Il faut expliquer une fois de plus que le vide séparé des choses que prônent certaines théories n’existe pas. En effet s’il y a un transport propre à chacun des corps simples et cela par nature, par exemple pour le feu vers le haut, pour la terre vers le bas et le  centre, il est clair que le vide ne peut être la cause du transport.

Aristote. Du Ciel.

Il existe un corps différent de la terre, du feu, de l’air et de l’eau, les Anciens ont donc nommé  » éther » le corps le plus élevé…

Cleomedes. Du mouvement circulaire des corps célestes. (1e siècle av. J.C.)

Hors du cosmos il y a le vide, s’étendant de tous côtés à l’infini. Ce qui est occupé par un corps est appelé place, ce qui n’est pas occupé est vide. Tout corps doit nécessairement se trouver dans quelque chose. Ce dans quoi il se trouve doit être distinct du corps qui occupe et qui remplit, et donc est incorporel, pour ainsi dire insipide. Nous appelons vide cette réalité qui peut recevoir le corps et être occupée par lui.

Bacon. (1214-1294)

Que le vide ne puisse être cela paraît. En effet, s’il existait il serait une substance ou un accident. Mais le vide n’est pas une substance incorporelle, car il serait âme ou intelligence. Il n’est pas non plus une substance qui soit corps car il occuperait un lieu. Enfin il n’est pas un accident, car aucun accident ne peut exister séparé d’une substance, et le vide est une dimension séparée. Il n’est donc rien du tout, ce que j’accorde avec Aristote…

Descartes. (1596-1650)

Pour ce qui est du vide, au sens que les philosophes prennent ce mot, à savoir, pour un espace où il n’y a point de substance, il est évident qu’il n’y a point d’espace en l’univers qui soit tel, parce que l’extension de l’espace ou du lieu intérieur n’est point différente de l’extension du corps. Et comme, de cela seul qu’un corps est étendu en longueur, largeur et profondeur, nous avons raison de conclure qu’il est une substance, à cause que nous concevons qu’il n’est pas possible que ce qui n’est rien ait de l’extension, nous devons conclure de même de l’espace qu’on suppose vide: à savoir, que puisqu’il y a en lui de l’extension, il y a aussi de la substance.

Newton. Lettre à Oldenburg. (1675)

Si je devais formuler une hypothèse, ce serait-pour l’exprimer en termes généraux et ne rien demander au-delà que la lumière est quelque chose susceptible d’exciter des vibrations dans l’éther.

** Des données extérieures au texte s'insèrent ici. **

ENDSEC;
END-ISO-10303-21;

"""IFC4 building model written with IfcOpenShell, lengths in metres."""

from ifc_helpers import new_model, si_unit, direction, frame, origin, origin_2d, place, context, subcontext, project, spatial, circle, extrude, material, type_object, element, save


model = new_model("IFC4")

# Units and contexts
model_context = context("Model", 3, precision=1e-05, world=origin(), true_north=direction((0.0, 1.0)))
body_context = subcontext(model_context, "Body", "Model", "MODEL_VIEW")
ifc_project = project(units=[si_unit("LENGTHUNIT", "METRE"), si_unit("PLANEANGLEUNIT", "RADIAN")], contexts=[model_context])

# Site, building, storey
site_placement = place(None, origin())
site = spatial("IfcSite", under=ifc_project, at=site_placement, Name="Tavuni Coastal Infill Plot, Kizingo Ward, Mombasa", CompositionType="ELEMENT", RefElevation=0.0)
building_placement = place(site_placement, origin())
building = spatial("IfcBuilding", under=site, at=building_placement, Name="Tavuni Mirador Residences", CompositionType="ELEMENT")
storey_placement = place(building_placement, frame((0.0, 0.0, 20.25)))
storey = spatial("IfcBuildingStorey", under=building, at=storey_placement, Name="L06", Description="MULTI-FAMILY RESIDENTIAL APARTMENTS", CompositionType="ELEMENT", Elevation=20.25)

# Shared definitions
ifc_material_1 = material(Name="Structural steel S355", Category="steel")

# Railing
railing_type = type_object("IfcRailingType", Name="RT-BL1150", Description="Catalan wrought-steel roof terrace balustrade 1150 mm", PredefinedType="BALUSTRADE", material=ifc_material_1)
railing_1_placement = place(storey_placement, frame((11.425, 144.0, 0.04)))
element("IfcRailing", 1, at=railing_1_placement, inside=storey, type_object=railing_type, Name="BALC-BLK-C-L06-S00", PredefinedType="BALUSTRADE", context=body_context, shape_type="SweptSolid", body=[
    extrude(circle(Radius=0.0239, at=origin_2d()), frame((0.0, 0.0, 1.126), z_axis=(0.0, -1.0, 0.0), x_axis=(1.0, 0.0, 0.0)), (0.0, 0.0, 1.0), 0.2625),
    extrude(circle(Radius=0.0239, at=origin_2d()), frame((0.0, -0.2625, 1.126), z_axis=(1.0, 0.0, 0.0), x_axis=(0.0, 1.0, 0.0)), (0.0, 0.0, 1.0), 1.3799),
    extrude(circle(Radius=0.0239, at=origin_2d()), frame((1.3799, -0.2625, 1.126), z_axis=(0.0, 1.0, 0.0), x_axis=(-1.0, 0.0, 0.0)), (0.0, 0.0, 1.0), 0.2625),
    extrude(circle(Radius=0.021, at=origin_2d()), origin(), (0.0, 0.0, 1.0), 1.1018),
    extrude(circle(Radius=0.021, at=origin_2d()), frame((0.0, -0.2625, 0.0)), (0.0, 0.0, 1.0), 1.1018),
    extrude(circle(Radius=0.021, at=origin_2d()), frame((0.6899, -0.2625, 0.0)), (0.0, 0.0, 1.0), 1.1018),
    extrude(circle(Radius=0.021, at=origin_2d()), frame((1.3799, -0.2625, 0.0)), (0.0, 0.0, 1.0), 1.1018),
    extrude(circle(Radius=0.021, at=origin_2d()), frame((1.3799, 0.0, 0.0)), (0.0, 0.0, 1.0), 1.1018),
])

On suppose ici qu’il existe un milieu éthéré, d’une constitution analogue à celle de l’air, mais beaucoup plus rare, plus subtil et beaucoup plus élastique. […] je suppose que la lumière n’est ni l’éther, ni un mouvement vibratoire de l’éther, mais quelque chose de différent propagé à partir des corps lumineux. Les uns pourront s’ils le veulent supposer que c’est un agrégat de qualités variées au sens péripatéticien. D’autres que c’est une multitude de corpuscules incroyablement petits et rapides de grandeurs variées, émis à grande distance les uns des autres par la surface des corps brillants, mais ceci à des intervalles de temps insensibles.

Euler. (1707-1783)

L’éther est donc aussi une matière fluide comme l’air, mais incomparablement plus subtile et plus déliée, puisque nous savons que les corps célestes le traversent librement sans y rencontrer quelque résistance sensible. Il a sans doute aussi une élasticité par laquelle il tend à se répandre en tous sens et à pénétrer dans les espaces qui pourraient être vides. […] Pour ce qui regarde la propagation de la lumière par l’éther, elle se fait d’une manière semblable à la propagation du son par l’air; et comme un ébranlement causé dans les particules de l’air constitue le son de même un ébranlement causé dans les particules de l’éther constitue la lumière ou les rayons de lumière de sorte que la lumière n’est autre chose qu’une agitation ou ébranlement causé dans les particules de l’éther, qui se trouve partout, à cause de l’extrême subtilité avec laquelle il pénètre tous les corps.

Kant. (1724-1804)

De l’espace vide, il ne peut y avoir aucune expérience, il ne peut y avoir non plus aucune conclusion concernant son objet. Pour être instruit de l’existence d’une matière j’ai besoin de l’influence d’une matière sur mes sens. La proposition donc, il y’a des espaces vides, ne peut jamais être une proposition ni médiate, ni immédiate d’expérience, elle est seulement une ratiocination.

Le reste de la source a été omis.